Durante a análise estática, os pesquisadores do Cado descobriram que o novo P2Pinfect é um binário ELF de 32 bits sem informações de depuração e uma DLL do Windows de 64 bits incorporada, que atua como um módulo carregável para Redis para permitir a execução de comandos shell no host.
Malware P2Pinfect mais evasivo
A mais nova variante do P2Pinfect implementa mecanismos de evasão sofisticados e multifacetados que tornam sua detecção e análise muito mais desafiadoras. De acordo com a Cado, os seguintes mecanismos de evasão foram introduzidos no último P2Pinfect:
- Implementação de uma verificação do valor “TracerPid” no arquivo de status do processo para determinar se as ferramentas de análise estão rastreando o processo de malware e encerrando se estiver.

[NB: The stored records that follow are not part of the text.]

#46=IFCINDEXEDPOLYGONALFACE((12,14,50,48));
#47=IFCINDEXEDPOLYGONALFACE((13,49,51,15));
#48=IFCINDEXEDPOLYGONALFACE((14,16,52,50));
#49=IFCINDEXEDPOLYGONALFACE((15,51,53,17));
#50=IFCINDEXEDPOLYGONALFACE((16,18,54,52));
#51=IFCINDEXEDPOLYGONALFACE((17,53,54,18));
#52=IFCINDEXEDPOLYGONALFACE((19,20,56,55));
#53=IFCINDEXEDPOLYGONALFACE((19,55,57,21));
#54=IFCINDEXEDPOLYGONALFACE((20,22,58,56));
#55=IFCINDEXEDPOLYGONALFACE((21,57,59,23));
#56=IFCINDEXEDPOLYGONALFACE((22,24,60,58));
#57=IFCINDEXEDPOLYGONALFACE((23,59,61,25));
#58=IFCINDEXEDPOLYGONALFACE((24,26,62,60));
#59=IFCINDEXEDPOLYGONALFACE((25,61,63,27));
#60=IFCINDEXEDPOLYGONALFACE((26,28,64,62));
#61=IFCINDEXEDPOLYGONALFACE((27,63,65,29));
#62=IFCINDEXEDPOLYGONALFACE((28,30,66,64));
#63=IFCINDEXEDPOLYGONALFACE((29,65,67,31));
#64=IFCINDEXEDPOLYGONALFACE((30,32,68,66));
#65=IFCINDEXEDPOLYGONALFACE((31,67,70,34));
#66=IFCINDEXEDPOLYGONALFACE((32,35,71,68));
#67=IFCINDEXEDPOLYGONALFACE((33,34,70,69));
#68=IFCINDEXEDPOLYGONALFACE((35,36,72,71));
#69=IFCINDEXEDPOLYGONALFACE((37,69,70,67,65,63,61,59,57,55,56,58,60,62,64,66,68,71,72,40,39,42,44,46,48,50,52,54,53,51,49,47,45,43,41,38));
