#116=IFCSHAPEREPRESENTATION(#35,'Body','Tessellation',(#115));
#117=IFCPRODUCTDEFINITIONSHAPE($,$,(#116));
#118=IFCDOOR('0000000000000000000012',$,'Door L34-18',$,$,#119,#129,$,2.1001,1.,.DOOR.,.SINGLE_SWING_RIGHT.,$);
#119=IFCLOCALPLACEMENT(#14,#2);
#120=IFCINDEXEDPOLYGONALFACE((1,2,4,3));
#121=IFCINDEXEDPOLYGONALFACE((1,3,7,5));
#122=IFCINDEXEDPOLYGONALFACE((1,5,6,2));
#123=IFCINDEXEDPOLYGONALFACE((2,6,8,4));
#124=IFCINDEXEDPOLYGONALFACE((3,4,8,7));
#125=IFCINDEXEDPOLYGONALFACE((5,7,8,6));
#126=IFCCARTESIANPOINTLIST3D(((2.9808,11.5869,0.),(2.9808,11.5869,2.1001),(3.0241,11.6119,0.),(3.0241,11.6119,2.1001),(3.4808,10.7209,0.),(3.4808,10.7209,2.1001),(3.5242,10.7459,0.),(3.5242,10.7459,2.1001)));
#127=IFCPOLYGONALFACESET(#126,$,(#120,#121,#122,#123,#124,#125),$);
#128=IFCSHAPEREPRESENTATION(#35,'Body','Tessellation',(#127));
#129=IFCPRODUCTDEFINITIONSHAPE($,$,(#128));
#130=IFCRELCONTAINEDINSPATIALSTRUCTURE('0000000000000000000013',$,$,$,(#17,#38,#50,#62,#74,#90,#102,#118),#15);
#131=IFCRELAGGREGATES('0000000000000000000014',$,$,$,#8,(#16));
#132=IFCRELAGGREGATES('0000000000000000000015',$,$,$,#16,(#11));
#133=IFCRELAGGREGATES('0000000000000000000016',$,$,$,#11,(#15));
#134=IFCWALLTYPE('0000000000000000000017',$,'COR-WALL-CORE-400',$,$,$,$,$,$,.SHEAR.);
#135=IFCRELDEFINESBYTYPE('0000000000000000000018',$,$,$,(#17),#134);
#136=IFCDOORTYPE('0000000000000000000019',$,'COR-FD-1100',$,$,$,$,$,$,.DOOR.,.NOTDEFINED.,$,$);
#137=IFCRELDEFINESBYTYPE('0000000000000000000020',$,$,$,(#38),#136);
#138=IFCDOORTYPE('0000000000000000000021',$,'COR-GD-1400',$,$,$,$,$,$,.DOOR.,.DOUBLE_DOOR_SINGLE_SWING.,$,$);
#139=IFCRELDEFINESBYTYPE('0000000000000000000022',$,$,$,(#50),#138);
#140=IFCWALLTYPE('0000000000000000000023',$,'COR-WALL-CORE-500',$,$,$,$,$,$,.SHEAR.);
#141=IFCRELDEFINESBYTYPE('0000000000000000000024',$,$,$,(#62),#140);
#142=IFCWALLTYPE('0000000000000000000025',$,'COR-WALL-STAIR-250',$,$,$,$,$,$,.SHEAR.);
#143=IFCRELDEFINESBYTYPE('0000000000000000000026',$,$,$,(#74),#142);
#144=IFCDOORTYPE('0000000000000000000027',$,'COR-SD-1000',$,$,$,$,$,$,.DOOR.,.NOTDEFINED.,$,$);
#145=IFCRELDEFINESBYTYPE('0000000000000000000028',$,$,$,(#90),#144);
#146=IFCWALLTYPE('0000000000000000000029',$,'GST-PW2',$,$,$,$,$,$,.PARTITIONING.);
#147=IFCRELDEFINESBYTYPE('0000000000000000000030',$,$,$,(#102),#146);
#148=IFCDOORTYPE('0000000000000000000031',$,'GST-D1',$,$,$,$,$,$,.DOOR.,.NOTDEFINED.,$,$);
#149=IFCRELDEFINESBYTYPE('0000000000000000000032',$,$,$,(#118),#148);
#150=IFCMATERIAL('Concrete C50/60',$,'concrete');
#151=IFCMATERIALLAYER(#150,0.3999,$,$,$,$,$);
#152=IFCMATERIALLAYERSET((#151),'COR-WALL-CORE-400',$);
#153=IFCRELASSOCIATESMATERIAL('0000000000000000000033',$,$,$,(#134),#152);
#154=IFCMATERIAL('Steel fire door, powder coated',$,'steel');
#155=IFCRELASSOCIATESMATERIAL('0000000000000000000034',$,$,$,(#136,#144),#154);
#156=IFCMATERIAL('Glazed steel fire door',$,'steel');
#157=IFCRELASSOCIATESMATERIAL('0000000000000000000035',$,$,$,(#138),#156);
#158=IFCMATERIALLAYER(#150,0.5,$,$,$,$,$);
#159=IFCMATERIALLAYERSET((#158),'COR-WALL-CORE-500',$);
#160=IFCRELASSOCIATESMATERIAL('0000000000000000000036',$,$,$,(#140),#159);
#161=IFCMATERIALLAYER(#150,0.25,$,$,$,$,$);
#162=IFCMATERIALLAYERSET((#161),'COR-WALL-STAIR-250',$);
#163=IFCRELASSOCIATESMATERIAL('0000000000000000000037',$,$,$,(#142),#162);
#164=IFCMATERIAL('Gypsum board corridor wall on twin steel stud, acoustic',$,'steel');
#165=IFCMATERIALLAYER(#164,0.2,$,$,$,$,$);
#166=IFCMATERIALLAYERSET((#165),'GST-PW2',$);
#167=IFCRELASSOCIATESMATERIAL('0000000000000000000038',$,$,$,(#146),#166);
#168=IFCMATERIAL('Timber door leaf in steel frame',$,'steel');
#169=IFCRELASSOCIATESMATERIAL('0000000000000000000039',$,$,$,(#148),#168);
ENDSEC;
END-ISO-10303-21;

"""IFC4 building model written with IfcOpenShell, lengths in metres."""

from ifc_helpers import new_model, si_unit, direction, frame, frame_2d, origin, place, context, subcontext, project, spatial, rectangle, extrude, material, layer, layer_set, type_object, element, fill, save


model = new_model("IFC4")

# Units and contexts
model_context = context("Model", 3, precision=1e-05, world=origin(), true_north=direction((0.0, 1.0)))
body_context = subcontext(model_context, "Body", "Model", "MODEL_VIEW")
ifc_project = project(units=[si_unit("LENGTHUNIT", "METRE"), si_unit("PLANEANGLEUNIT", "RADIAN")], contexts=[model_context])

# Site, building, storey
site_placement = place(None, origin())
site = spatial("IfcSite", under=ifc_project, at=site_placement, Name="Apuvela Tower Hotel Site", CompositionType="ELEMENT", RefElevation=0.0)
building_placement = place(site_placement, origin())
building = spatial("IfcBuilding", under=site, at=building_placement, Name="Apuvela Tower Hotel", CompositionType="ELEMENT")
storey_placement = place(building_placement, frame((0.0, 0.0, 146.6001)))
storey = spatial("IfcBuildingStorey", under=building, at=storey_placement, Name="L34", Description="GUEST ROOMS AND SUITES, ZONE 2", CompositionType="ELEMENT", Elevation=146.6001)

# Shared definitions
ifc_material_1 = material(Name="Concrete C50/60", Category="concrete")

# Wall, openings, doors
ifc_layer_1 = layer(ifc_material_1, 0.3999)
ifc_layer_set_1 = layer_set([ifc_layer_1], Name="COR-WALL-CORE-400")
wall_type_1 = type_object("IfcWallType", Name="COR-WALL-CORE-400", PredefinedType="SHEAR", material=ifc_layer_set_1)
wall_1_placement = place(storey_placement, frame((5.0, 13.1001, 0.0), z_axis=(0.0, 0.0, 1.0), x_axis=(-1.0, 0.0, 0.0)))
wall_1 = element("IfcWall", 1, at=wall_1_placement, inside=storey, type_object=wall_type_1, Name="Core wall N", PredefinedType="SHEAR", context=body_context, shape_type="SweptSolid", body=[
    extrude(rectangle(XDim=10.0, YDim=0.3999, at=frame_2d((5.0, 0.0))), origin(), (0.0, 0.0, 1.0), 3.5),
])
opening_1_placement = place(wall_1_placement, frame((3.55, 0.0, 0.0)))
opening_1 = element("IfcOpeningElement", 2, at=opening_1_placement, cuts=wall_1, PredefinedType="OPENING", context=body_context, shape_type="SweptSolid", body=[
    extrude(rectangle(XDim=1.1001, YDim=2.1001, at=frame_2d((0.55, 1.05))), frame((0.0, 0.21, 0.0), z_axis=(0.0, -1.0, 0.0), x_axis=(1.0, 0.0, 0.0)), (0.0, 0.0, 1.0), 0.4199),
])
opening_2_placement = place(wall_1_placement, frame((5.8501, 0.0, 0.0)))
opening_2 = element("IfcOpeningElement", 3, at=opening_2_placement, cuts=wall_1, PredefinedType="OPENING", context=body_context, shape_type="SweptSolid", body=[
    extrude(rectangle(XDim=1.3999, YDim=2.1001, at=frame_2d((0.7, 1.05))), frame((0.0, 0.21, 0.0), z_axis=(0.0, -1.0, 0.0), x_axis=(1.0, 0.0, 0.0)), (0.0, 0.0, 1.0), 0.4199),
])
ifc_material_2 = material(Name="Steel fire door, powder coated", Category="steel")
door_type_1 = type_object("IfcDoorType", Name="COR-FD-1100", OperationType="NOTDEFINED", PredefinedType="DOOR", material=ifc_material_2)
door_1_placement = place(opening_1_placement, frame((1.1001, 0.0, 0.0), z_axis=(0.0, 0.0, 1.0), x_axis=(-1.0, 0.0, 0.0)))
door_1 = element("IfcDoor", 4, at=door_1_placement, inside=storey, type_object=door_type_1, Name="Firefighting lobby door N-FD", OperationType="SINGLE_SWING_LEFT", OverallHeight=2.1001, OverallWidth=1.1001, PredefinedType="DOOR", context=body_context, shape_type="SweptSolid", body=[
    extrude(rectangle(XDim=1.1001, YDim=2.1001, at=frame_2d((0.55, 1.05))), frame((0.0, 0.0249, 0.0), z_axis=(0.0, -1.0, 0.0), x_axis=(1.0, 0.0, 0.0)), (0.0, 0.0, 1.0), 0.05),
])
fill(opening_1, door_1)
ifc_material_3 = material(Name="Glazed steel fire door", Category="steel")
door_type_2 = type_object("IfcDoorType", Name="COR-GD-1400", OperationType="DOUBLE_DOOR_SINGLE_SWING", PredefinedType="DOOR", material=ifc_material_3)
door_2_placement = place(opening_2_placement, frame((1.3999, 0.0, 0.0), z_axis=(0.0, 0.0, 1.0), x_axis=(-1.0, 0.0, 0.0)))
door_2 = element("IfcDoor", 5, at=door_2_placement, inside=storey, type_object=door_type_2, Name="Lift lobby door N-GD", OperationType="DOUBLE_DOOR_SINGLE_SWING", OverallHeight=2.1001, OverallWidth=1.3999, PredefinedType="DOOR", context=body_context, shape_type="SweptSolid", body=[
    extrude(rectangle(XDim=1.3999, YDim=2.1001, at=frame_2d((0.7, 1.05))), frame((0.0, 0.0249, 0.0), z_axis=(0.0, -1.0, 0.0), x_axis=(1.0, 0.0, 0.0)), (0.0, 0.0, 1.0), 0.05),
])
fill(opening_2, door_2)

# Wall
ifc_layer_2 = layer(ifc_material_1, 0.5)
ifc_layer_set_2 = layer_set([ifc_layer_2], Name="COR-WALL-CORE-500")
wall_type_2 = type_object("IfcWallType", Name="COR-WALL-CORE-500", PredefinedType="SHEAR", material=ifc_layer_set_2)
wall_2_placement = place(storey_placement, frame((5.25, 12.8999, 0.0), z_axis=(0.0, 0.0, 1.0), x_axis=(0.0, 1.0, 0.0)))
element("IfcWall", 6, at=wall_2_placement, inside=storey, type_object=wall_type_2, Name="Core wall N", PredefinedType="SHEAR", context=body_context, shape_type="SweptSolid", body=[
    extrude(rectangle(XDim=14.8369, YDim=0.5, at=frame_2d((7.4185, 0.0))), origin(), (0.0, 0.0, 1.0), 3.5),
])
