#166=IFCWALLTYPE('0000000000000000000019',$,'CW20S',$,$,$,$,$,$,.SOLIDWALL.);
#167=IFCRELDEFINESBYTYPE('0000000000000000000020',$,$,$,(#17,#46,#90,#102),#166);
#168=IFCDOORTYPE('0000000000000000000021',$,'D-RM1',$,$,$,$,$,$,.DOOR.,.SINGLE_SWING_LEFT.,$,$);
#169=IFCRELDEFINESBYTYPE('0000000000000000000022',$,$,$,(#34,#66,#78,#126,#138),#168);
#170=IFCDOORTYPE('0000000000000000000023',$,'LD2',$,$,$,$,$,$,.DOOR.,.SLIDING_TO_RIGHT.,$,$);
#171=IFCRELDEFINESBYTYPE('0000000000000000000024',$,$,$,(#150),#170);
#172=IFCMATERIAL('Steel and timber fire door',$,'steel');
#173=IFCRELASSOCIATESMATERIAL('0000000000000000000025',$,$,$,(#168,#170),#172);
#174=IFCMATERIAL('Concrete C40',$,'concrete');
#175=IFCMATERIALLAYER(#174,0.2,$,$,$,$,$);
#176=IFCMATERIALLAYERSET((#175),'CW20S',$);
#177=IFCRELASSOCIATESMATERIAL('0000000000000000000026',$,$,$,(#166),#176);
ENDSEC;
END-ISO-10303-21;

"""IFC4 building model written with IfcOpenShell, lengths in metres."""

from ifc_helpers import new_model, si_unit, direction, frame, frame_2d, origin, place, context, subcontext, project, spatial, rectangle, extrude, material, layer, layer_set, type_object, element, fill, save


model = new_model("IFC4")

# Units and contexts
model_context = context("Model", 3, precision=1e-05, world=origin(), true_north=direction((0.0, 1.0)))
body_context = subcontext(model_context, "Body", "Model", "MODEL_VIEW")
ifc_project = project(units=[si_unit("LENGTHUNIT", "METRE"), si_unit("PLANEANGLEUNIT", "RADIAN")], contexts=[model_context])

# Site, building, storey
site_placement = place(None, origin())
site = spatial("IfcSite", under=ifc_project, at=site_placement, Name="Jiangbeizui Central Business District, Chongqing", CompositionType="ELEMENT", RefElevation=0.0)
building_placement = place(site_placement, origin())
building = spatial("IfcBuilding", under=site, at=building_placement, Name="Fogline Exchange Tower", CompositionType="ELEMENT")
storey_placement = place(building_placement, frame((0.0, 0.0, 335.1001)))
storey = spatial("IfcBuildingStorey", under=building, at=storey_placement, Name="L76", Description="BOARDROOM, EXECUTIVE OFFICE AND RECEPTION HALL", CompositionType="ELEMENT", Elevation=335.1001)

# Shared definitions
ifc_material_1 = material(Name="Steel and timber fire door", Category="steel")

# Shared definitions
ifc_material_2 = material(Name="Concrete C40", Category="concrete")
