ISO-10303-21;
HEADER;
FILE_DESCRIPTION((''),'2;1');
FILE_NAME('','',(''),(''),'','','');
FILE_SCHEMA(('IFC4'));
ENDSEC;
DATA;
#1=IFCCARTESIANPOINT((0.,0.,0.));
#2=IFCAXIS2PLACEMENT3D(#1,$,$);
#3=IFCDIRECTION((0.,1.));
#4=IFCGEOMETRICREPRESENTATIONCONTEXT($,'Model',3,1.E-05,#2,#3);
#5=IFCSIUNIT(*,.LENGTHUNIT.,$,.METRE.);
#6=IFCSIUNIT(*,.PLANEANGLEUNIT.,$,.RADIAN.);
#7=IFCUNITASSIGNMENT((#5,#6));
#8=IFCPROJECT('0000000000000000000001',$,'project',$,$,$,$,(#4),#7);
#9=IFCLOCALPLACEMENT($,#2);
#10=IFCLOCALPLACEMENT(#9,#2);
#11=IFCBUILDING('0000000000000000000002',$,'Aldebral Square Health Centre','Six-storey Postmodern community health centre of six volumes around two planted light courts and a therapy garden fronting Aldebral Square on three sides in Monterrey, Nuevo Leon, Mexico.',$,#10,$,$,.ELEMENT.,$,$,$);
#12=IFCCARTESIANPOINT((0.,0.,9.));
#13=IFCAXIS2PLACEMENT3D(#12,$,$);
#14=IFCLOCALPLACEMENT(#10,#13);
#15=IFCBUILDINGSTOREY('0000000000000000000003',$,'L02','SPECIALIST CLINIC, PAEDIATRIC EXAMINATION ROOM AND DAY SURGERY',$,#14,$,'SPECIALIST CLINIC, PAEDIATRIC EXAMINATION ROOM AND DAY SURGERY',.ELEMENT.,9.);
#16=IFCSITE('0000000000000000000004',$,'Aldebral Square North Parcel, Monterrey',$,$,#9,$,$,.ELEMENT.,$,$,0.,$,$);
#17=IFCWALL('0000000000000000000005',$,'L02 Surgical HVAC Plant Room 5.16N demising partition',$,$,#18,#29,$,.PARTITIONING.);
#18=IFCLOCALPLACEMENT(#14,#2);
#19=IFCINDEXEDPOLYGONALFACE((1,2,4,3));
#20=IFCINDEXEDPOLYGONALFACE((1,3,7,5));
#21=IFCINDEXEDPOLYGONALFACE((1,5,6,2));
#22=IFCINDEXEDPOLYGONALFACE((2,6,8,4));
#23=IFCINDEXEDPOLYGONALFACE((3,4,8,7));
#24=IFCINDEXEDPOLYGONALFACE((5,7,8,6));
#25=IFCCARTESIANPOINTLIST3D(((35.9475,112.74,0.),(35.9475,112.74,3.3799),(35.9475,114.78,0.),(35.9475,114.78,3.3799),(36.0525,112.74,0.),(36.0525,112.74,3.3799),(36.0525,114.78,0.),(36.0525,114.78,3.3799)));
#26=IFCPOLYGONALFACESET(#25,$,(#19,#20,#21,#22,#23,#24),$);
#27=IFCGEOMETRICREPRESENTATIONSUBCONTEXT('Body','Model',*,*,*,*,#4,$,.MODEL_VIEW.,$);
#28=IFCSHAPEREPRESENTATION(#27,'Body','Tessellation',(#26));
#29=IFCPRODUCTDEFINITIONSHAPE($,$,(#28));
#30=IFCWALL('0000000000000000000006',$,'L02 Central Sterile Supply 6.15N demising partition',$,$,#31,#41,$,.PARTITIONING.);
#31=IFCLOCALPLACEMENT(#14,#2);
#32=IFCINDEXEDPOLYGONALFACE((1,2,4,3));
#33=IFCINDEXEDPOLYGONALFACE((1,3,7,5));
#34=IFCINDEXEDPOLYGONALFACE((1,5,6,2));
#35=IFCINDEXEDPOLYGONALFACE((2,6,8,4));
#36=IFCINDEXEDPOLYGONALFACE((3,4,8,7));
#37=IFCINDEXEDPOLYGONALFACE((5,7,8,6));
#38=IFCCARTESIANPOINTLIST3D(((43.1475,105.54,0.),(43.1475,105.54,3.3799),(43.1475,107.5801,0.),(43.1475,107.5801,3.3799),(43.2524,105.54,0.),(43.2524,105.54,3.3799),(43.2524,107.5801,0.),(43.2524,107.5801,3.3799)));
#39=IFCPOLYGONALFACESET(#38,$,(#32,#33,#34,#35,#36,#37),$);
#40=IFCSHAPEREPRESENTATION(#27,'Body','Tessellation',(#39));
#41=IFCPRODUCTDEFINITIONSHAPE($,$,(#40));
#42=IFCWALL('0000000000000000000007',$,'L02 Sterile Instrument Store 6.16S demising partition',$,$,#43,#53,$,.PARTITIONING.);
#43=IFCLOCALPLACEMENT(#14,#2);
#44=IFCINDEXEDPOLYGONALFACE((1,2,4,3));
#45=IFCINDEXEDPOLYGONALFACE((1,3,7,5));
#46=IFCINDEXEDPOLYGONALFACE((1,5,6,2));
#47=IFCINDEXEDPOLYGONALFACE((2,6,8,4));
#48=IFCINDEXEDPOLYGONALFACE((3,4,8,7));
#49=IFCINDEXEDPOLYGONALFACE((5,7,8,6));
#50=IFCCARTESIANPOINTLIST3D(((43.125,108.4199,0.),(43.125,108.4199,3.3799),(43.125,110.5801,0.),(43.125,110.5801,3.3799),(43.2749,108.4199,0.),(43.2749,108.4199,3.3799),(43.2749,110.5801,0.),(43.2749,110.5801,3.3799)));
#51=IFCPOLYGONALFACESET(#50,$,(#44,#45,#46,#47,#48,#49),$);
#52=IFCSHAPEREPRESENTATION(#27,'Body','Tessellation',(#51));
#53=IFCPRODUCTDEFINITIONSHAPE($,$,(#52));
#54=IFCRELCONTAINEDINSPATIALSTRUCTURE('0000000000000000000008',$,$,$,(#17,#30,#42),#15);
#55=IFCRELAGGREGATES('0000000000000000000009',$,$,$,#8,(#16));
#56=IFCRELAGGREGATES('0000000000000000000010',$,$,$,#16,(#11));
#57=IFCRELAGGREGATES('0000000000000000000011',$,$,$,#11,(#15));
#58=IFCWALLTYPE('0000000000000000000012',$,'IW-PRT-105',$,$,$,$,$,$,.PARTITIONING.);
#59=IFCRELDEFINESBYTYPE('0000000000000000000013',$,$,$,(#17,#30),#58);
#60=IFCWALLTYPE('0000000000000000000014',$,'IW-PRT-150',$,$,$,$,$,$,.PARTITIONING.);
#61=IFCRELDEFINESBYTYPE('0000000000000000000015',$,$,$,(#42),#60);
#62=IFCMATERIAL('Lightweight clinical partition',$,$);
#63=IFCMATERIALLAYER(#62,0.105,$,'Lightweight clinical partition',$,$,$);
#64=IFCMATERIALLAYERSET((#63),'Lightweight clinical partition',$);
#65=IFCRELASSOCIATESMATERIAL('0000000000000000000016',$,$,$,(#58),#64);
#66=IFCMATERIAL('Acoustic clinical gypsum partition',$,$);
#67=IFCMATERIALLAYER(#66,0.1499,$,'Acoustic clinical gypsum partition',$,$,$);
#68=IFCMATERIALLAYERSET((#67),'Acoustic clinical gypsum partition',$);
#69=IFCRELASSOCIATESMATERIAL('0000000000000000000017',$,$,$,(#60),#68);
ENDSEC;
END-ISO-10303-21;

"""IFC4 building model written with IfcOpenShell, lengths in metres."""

from ifc_helpers import new_model, si_unit, direction, frame, frame_2d, origin, place, context, subcontext, project, spatial, rectangle, extrude, material, layer, layer_set, type_object, element, save


model = new_model("IFC4")

# Units and contexts
model_context = context("Model", 3, precision=1e-05, world=origin(), true_north=direction((0.0, 1.0)))
body_context = subcontext(model_context, "Body", "Model", "MODEL_VIEW")
ifc_project = project(units=[si_unit("LENGTHUNIT", "METRE"), si_unit("PLANEANGLEUNIT", "RADIAN")], contexts=[model_context])

# Site, building, storey
site_placement = place(None, origin())
site = spatial("IfcSite", under=ifc_project, at=site_placement, Name="Aldebral Square North Parcel, Monterrey", CompositionType="ELEMENT", RefElevation=0.0)
building_placement = place(site_placement, origin())
building = spatial("IfcBuilding", under=site, at=building_placement, Name="Aldebral Square Health Centre", Description="Six-storey Postmodern community health centre of six volumes around two planted light courts and a therapy garden fronting Aldebral Square on three sides in Monterrey, Nuevo Leon, Mexico.", CompositionType="ELEMENT")
storey_placement = place(building_placement, frame((0.0, 0.0, 9.0)))
storey = spatial("IfcBuildingStorey", under=building, at=storey_placement, Name="L02", Description="SPECIALIST CLINIC, PAEDIATRIC EXAMINATION ROOM AND DAY SURGERY", LongName="SPECIALIST CLINIC, PAEDIATRIC EXAMINATION ROOM AND DAY SURGERY", CompositionType="ELEMENT", Elevation=9.0)

# Walls
ifc_material_1 = material(Name="Lightweight clinical partition")
ifc_layer_1 = layer(ifc_material_1, 0.105, Name="Lightweight clinical partition")
ifc_layer_set_1 = layer_set([ifc_layer_1], Name="Lightweight clinical partition")
wall_type_1 = type_object("IfcWallType", Name="IW-PRT-105", PredefinedType="PARTITIONING", material=ifc_layer_set_1)
for number, where, z_axis, x_axis, name in (
    (1, (36.0, 112.74, 0.0), (0.0, 0.0, 1.0), (0.0, 1.0, 0.0), "L02 Surgical HVAC Plant Room 5.16N demising partition"),
    (2, (43.2, 105.54, 0.0), (0.0, 0.0, 1.0), (0.0, 1.0, 0.0), "L02 Central Sterile Supply 6.15N demising partition"),
):
    element("IfcWall", number, at=place(storey_placement, frame(where, z_axis=z_axis, x_axis=x_axis)), inside=storey, type_object=wall_type_1, Name=name, PredefinedType="PARTITIONING", context=body_context, shape_type="SweptSolid", body=[
        extrude(rectangle(XDim=2.04, YDim=0.105, at=frame_2d((1.02, 0.0))), origin(), (0.0, 0.0, 1.0), 3.3799),
    ])
ifc_material_2 = material(Name="Acoustic clinical gypsum partition")
ifc_layer_2 = layer(ifc_material_2, 0.1499, Name="Acoustic clinical gypsum partition")
ifc_layer_set_2 = layer_set([ifc_layer_2], Name="Acoustic clinical gypsum partition")
wall_type_2 = type_object("IfcWallType", Name="IW-PRT-150", PredefinedType="PARTITIONING", material=ifc_layer_set_2)
wall_1_placement = place(storey_placement, frame((43.2, 108.4199, 0.0), z_axis=(0.0, 0.0, 1.0), x_axis=(0.0, 1.0, 0.0)))
element("IfcWall", 3, at=wall_1_placement, inside=storey, type_object=wall_type_2, Name="L02 Sterile Instrument Store 6.16S demising partition", PredefinedType="PARTITIONING", context=body_context, shape_type="SweptSolid", body=[
    extrude(rectangle(XDim=2.1602, YDim=0.1499, at=frame_2d((1.0801, 0.0))), origin(), (0.0, 0.0, 1.0), 3.3799),
])

save(model, "model.ifc")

- Uso de chamadas de sistema para desabilitar core dumps do Linux, evitando o dump de conteúdos de memória que contenham rastros de sua atividade.
- A DLL incorporada contém uma função para evitar máquinas virtuais (VMs).
O desenvolvimento contínuo do P2Pinfect e a expansão do direcionamento do malware indicam um alto nível de habilidade de codificação e determinação de seus autores.